# Daughter got a new accountancy job -what would be a fair salary?



## Doingabit (22 Jun 2009)

Hi All,

My daughter recently qualified as a Chartered Accountant (ACA) after 4 yr in practice. She has a business degree in UCD and very good leaving. She has left practice and was offered a job as management accountant in an SME. Just wondering what salary would be fair given the current depressed market? 
First of all she is delighted she has a job and has not mentioned the salary to me yet ( I'm not sure if they have agreed on one). I
I'm also delighted she has a job given the current market but just wondering if anyone had experience of what fair rates would be for a similar position?


----------



## Doingabit (23 Jun 2009)

Just in case this post appears inappropriate/insensitive given the number of redundancies and people on job seekers benefit at the moment- I must point that her contract was not renewed and has been on job seekers benefit until this offer thankfully arrived.


----------



## Ants09 (23 Jun 2009)

First off all fair play to your daughter qualifing as a CA and as a CA then there are jobs in Accountancy Ireland which should give her a indication of what to expect in relation to a salary and also the main accountancy bodies has a survey out regarding accountancy salaries so i suggest that she reads up on this


----------



## Setanta12 (23 Jun 2009)

These surveys are out-dated. I'm on the market and my r-agent tells me that the pendulum has swung back - companies are offering 10% less than a year ago. 

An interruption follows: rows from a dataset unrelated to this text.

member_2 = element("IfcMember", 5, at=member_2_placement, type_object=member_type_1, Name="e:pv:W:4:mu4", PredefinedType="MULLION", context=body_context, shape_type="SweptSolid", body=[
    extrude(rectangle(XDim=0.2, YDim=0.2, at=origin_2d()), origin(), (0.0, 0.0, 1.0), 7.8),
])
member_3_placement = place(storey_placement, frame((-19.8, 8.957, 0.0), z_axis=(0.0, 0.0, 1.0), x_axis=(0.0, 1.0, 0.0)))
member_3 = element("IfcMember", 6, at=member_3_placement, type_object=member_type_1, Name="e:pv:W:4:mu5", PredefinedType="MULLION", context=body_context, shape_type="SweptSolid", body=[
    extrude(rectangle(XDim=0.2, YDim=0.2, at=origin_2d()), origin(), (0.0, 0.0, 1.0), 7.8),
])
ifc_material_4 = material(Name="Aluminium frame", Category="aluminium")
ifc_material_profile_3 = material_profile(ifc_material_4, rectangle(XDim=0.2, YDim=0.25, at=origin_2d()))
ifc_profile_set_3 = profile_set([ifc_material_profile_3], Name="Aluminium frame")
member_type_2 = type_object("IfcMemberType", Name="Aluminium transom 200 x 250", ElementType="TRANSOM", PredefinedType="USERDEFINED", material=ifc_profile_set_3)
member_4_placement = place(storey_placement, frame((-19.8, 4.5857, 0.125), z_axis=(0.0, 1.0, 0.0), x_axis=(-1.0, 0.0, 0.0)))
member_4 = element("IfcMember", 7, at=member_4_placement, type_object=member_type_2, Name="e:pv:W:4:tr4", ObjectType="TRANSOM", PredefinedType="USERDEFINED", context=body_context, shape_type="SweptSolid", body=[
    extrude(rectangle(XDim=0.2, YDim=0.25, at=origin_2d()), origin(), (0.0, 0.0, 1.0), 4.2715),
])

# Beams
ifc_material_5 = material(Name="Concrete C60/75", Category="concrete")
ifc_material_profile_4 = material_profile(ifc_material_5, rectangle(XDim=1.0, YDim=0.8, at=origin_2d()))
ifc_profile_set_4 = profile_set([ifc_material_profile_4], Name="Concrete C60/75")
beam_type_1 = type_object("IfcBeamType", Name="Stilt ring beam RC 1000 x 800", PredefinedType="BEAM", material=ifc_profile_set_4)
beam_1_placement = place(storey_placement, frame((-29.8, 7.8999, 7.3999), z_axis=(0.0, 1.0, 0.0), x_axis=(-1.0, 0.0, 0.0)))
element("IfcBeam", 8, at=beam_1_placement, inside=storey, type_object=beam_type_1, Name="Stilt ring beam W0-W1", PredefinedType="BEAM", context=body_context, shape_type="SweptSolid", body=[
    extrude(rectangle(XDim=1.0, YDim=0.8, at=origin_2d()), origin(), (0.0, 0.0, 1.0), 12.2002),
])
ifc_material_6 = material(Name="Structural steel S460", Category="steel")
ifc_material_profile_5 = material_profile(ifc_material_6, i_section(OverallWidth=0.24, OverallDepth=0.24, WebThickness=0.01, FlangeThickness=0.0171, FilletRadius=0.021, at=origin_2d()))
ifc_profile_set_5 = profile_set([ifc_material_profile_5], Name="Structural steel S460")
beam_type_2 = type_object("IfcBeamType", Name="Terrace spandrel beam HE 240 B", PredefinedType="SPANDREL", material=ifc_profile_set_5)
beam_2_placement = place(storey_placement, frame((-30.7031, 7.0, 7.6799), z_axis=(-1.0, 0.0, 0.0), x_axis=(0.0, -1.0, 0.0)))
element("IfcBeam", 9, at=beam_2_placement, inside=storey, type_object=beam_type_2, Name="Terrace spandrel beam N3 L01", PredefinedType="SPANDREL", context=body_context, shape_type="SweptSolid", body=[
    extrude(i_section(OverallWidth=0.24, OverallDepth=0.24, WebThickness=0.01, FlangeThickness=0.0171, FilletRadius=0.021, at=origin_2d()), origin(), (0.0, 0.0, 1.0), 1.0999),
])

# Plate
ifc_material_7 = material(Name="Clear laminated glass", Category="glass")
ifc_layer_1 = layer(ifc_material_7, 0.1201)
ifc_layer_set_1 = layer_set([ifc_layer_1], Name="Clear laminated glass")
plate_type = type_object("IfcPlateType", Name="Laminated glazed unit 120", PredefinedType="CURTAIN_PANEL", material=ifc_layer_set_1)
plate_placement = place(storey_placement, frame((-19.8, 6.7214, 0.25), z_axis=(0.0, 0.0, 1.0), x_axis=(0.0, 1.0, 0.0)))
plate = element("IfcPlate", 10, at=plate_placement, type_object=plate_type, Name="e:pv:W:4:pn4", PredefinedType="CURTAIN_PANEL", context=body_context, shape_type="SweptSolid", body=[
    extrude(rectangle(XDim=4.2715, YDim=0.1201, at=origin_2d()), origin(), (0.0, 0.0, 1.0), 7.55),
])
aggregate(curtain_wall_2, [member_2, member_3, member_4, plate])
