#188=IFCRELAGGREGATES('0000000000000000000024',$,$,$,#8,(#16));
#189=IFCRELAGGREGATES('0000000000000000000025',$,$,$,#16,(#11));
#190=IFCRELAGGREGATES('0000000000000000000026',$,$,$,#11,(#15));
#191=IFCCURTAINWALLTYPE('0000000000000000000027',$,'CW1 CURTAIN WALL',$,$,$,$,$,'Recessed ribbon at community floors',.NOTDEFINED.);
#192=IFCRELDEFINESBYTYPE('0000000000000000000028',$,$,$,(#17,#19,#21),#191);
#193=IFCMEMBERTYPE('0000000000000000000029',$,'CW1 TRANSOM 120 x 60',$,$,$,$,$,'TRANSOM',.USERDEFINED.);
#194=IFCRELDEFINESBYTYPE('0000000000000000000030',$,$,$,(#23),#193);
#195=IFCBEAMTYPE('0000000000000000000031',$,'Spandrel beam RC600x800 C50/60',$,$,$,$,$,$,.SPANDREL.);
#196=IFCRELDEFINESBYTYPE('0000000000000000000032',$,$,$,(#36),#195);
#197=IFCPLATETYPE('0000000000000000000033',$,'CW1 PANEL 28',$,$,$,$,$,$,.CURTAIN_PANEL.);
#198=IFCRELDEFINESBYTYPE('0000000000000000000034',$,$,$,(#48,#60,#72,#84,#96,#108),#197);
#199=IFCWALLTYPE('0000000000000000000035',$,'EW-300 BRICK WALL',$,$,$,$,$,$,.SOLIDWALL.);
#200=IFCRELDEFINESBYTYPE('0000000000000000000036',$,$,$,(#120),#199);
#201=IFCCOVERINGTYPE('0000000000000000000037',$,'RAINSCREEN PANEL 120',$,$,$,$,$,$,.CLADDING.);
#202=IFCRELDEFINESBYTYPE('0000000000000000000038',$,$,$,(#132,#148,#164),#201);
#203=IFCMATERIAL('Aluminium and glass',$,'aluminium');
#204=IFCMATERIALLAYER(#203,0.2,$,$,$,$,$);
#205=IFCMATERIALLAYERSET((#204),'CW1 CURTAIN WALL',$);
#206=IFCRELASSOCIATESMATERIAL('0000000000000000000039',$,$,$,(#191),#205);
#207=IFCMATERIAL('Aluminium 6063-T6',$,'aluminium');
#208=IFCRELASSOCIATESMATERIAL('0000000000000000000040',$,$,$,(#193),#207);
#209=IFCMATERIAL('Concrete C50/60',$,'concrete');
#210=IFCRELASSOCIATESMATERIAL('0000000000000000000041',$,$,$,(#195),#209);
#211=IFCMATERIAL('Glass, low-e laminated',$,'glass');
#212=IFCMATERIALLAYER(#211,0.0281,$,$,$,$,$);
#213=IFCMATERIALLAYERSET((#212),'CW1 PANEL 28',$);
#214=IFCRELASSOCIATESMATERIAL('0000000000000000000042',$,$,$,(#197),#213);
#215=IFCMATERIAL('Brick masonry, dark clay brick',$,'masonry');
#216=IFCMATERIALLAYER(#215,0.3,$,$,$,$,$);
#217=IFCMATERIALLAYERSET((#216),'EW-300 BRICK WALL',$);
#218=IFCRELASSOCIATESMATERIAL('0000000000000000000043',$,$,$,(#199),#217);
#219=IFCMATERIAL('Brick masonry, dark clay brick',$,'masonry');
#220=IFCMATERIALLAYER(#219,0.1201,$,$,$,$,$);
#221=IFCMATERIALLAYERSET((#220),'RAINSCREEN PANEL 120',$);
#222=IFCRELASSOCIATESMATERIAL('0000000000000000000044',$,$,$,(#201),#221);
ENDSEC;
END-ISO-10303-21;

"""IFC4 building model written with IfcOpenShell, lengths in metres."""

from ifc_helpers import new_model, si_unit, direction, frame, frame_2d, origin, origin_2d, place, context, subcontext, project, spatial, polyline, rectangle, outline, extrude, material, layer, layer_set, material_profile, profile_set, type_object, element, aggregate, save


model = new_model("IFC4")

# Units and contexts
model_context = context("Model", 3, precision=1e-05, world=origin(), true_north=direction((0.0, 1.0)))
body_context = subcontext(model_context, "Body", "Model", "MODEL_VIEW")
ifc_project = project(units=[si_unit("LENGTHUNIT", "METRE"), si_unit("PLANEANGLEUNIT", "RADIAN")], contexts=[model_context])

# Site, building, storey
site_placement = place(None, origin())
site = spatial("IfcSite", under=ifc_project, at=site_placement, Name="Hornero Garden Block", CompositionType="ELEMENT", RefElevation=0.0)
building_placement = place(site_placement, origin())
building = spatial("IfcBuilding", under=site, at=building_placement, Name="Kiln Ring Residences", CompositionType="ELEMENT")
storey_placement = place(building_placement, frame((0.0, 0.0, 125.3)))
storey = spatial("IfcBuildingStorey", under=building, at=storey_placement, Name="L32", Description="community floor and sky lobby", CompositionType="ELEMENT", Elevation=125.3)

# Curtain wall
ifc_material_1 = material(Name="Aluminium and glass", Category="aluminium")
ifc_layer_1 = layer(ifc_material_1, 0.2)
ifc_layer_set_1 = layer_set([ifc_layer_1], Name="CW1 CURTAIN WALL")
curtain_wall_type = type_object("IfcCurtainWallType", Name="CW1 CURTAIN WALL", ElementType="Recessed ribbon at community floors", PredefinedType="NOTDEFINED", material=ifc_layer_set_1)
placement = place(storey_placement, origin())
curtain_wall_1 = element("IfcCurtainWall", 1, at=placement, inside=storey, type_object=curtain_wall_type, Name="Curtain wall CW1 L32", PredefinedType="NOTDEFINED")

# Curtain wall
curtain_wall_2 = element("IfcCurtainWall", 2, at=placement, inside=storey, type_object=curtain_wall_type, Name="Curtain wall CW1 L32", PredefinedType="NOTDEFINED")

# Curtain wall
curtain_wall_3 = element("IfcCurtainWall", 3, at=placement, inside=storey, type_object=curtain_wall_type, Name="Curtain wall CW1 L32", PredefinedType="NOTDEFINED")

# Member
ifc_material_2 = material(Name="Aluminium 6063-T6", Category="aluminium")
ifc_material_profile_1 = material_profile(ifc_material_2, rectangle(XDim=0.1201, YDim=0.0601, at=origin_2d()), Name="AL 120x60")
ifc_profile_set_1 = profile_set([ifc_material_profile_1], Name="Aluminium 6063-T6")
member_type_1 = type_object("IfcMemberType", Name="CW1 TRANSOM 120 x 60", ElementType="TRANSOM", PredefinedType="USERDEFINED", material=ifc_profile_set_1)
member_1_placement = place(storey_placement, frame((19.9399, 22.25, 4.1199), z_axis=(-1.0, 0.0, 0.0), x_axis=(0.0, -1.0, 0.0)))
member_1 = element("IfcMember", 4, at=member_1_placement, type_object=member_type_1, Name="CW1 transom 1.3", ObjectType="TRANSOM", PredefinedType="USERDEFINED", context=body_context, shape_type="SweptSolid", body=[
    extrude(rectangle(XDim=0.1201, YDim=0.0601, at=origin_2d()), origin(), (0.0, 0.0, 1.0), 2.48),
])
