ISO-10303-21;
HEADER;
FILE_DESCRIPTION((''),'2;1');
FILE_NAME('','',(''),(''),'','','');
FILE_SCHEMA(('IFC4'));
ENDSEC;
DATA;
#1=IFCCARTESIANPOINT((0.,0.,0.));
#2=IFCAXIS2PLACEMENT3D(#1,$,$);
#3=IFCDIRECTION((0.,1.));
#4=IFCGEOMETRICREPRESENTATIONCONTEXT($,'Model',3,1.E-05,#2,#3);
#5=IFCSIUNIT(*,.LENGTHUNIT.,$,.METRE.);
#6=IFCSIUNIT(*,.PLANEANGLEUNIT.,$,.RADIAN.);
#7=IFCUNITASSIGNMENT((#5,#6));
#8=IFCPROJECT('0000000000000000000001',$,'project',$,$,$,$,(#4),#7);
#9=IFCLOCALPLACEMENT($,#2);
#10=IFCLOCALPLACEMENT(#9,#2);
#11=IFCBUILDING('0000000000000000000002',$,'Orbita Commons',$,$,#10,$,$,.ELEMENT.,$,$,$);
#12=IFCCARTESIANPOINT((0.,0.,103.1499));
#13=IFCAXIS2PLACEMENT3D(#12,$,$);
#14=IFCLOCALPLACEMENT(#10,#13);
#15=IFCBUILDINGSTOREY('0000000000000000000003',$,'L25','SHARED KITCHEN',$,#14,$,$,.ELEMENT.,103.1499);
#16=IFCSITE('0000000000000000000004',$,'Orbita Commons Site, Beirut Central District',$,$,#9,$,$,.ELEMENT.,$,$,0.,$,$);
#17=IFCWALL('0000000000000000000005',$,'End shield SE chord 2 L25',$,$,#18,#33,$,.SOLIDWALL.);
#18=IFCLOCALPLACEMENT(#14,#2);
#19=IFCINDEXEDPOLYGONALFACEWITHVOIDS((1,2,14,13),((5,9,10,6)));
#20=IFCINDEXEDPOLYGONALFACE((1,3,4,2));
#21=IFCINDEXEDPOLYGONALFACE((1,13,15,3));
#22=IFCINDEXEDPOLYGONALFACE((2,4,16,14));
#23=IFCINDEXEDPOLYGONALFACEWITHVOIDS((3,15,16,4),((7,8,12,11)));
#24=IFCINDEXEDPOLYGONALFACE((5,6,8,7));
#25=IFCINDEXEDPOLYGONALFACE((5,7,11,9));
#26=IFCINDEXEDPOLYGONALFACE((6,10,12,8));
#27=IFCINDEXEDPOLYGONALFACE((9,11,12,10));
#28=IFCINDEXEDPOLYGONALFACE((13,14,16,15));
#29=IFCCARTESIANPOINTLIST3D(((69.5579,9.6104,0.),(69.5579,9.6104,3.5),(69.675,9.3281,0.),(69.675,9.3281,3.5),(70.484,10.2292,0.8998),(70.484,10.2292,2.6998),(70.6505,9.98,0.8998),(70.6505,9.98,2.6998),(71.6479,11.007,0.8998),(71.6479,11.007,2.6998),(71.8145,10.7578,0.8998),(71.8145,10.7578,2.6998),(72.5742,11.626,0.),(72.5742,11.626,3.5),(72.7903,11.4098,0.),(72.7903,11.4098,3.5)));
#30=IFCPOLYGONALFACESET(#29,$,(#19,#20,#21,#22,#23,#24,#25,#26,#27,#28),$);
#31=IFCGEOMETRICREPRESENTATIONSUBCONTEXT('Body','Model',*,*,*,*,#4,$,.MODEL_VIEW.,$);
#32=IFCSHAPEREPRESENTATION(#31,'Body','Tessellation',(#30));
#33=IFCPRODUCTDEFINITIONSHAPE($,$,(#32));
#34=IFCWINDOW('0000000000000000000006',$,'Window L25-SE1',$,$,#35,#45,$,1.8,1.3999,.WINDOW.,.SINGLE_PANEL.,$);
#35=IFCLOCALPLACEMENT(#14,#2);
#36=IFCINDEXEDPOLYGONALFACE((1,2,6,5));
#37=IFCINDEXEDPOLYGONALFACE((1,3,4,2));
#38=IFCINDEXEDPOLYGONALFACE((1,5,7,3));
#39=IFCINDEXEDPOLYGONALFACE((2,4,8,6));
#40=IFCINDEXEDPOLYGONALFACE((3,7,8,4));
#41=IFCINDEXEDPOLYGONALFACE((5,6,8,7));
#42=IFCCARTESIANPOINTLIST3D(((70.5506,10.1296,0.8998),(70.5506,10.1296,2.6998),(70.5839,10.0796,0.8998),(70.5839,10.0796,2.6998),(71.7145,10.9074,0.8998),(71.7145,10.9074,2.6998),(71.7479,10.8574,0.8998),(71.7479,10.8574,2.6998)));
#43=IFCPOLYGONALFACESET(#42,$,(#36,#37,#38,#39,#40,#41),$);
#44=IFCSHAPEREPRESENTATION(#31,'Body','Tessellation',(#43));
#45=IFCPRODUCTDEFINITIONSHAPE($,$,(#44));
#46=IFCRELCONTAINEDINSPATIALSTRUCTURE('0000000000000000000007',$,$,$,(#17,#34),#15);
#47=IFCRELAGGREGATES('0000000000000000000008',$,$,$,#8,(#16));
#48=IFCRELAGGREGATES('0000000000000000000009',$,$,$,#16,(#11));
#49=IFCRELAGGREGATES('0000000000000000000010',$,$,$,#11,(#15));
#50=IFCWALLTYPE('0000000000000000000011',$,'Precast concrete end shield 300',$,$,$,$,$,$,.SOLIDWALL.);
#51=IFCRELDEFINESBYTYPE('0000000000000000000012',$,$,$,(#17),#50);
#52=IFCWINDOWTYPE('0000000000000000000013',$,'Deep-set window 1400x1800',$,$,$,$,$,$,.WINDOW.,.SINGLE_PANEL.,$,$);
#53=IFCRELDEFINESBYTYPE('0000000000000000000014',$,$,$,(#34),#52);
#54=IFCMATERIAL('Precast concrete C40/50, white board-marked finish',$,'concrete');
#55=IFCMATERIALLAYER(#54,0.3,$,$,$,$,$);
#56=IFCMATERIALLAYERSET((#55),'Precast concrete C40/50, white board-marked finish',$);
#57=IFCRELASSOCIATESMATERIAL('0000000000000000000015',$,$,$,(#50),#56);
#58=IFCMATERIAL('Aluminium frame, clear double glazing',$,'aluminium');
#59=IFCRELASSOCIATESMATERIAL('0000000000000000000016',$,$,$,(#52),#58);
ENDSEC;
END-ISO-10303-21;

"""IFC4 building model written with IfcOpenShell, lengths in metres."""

from ifc_helpers import new_model, si_unit, direction, frame, frame_2d, origin, place, context, subcontext, project, spatial, polyline, rectangle, outline, extrude, material, layer, layer_set, type_object, element, fill, save


model = new_model("IFC4")

# Units and contexts
model_context = context("Model", 3, precision=1e-05, world=origin(), true_north=direction((0.0, 1.0)))
body_context = subcontext(model_context, "Body", "Model", "MODEL_VIEW")
ifc_project = project(units=[si_unit("LENGTHUNIT", "METRE"), si_unit("PLANEANGLEUNIT", "RADIAN")], contexts=[model_context])

# Site, building, storey
site_placement = place(None, origin())
site = spatial("IfcSite", under=ifc_project, at=site_placement, Name="Orbita Commons Site, Beirut Central District", CompositionType="ELEMENT", RefElevation=0.0)
building_placement = place(site_placement, origin())
building = spatial("IfcBuilding", under=site, at=building_placement, Name="Orbita Commons", CompositionType="ELEMENT")
storey_placement = place(building_placement, frame((0.0, 0.0, 103.1499)))
storey = spatial("IfcBuildingStorey", under=building, at=storey_placement, Name="L25", Description="SHARED KITCHEN", CompositionType="ELEMENT", Elevation=103.1499)

# Wall, opening, window
ifc_material_1 = material(Name="Precast concrete C40/50, white board-marked finish", Category="concrete")
ifc_layer_1 = layer(ifc_material_1, 0.3)
ifc_layer_set_1 = layer_set([ifc_layer_1], Name="Precast concrete C40/50, white board-marked finish")
wall_type_1 = type_object("IfcWallType", Name="Precast concrete end shield 300", PredefinedType="SOLIDWALL", material=ifc_layer_set_1)
ifc_material_2 = material(Name="Aluminium frame, clear double glazing", Category="aluminium")
window_type = type_object("IfcWindowType", Name="Deep-set window 1400x1800", PartitioningType="SINGLE_PANEL", PredefinedType="WINDOW", material=ifc_material_2)
wall_1_placement = place(storey_placement, frame((69.6165, 9.4692, 0.0), z_axis=(0.0, 0.0, 1.0), x_axis=(0.831449, 0.555601, 0.0)))
wall_1 = element("IfcWall", 1, at=wall_1_placement, inside=storey, type_object=wall_type_1, Name="End shield SE chord 2 L25", PredefinedType="SOLIDWALL", context=body_context, shape_type="SweptSolid", body=[
    extrude(outline(polyline([(-0.0298, -0.1499), (3.717, -0.1499), (3.6575, 0.1499), (0.0298, 0.1499), (-0.0298, -0.1499)])), origin(), (0.0, 0.0, 1.0), 3.5),
])
opening_1_placement = place(wall_1_placement, frame((1.1436, 0.0, 0.8999)))
opening_1 = element("IfcOpeningElement", 2, at=opening_1_placement, cuts=wall_1, PredefinedType="OPENING", context=body_context, shape_type="SweptSolid", body=[
    extrude(rectangle(XDim=1.3999, YDim=1.8, at=frame_2d((0.7, 0.8999))), frame((0.0, 0.1599, 0.0), z_axis=(0.0, -1.0, 0.0), x_axis=(1.0, 0.0, 0.0)), (0.0, 0.0, 1.0), 0.3201),
])
window_1_placement = place(opening_1_placement, origin())
window_1 = element("IfcWindow", 3, at=window_1_placement, inside=storey, type_object=window_type, Name="Window L25-SE1", OverallHeight=1.8, OverallWidth=1.3999, PartitioningType="SINGLE_PANEL", PredefinedType="WINDOW", context=body_context, shape_type="SweptSolid", body=[
    extrude(rectangle(XDim=1.3999, YDim=1.8, at=frame_2d((0.7, 0.8999))), frame((0.0, 0.03, 0.0), z_axis=(0.0, -1.0, 0.0), x_axis=(1.0, 0.0, 0.0)), (0.0, 0.0, 1.0), 0.0601),
])
fill(opening_1, window_1)

save(model, "model.ifc")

Your daughter no doubt has experience of this from her practice job where very probably thre were paycuts.


----------



## STEINER (23 Jun 2009)

Salaries are dropping as companies pare costs down.

An accountant friend out of work for 7  months accepted an FC role in an SME for 40k, down from 55k in his previous job last August.

Another accountant friend out of work for 4 months has accepted a permanent role for 50k, down from 60k in his last contract role.  Both of these have 10 years experience between practice and SMEs.  They are glad to have positions, as it was tough on the social, with mortgages to pay etc.  There are lots of applicants for each accounting job, so its an employers' market here now.  Unfortunately 40k-50k doesn't reflect the long hours spent trying to qualify, or the long working hours an FC needs to put in, but thats just the way it is now.  Dublin Bus drivers get more! Anything over 40k is manageable given the dire recession, ie you can live on this, with mortgage interest and prices low.


----------



## jack2009 (23 Jun 2009)

I never believe the adverts for companies seeking people as they always put the higher figure down put seldomnly pay it out!

Unfortunately, there is no real answer to your question because from my experience there is quite a big range that newly qualified accountants earn.  Last year I know of two people in particular who qualified one got really lucky and was on nearly 70k while the other was just above 50k!

I think what companies has seriously reduced but also what people are expecting has also reduced.  I would imagine that anything from 45 to 55 to be about right.  As a newly qualified accountant I would be less concerned about your daughters current salary but more concerned about the possibilities for promotion etc.


----------



## Doingabit (23 Jun 2009)

Thanks for the replies. Your right about it being an employers market and anything over 40 is good given the market. Alot of her former colleagues are on job seekers.
I think very few people are too proud to turn down a job if it is a 10k-15k less than previous. 
FYI she was offered 40 (8k less than when in contract) so hopefully she can impress and move up.


----------



## jack2009 (23 Jun 2009)

Best of luck, its great that she has a job considering the problems her friends are having and all going well her salary will steadily increase.


----------



## STEINER (23 Jun 2009)

yeah, best of luck, 40k is ok in this economic climate.  Its better than 10k jobseekers.  There are 400,000 unemployed and hundreds of accountants in that figure who would take that job if your daughter turned it down.  She has a job and its also her profession as well.  In a recession you have to ride out the storm.


----------



## Doingabit (23 Jun 2009)

Jaybird,

Speaking of train drivers, this reminds me
of the cork drivers last year on €52k. Articlebelow 
by David McWilliams is quite laughable
http://www.independent.ie/opinion/a...drivers-need-a-short-sharp-shunt-1389524.html


----------



## jeny (25 Jun 2009)

40k is great. speaking from someone in the same situation I know people with double her experience on less. and people willing to work for even less than that again to keep there jobs. She is a lucky lady!


----------



## STEINER (25 Jun 2009)

jaybird said:


> " Dublin Bus drivers get more! Anything over 40k is manageable"
> 
> I can assure that the majority of DB drivers are on a lot less than 40k, let alone the 50-60k mentioned. You might be thinking of the train drivers.....


 
Indeed, the train drivers are a privileged group and appear to be excessively paid.  However, regarding the pay of Dublin Bus drivers, one of their union heads appeared on RTE news within the last few months, and stated that the average Dublin Bus driver earns in excess of €40k per annum.  It is unlikely he would overstate the average earnings.  So, it is reasonable for me to say that a Dublin Bus driver earns more than my friend, a qualified professional accountant.

I learnt today that apparently Robert Half recruiters has about 400 accountant cv's and only 20 vacancies from employers, so any accountant out of work is finding it difficult.


----------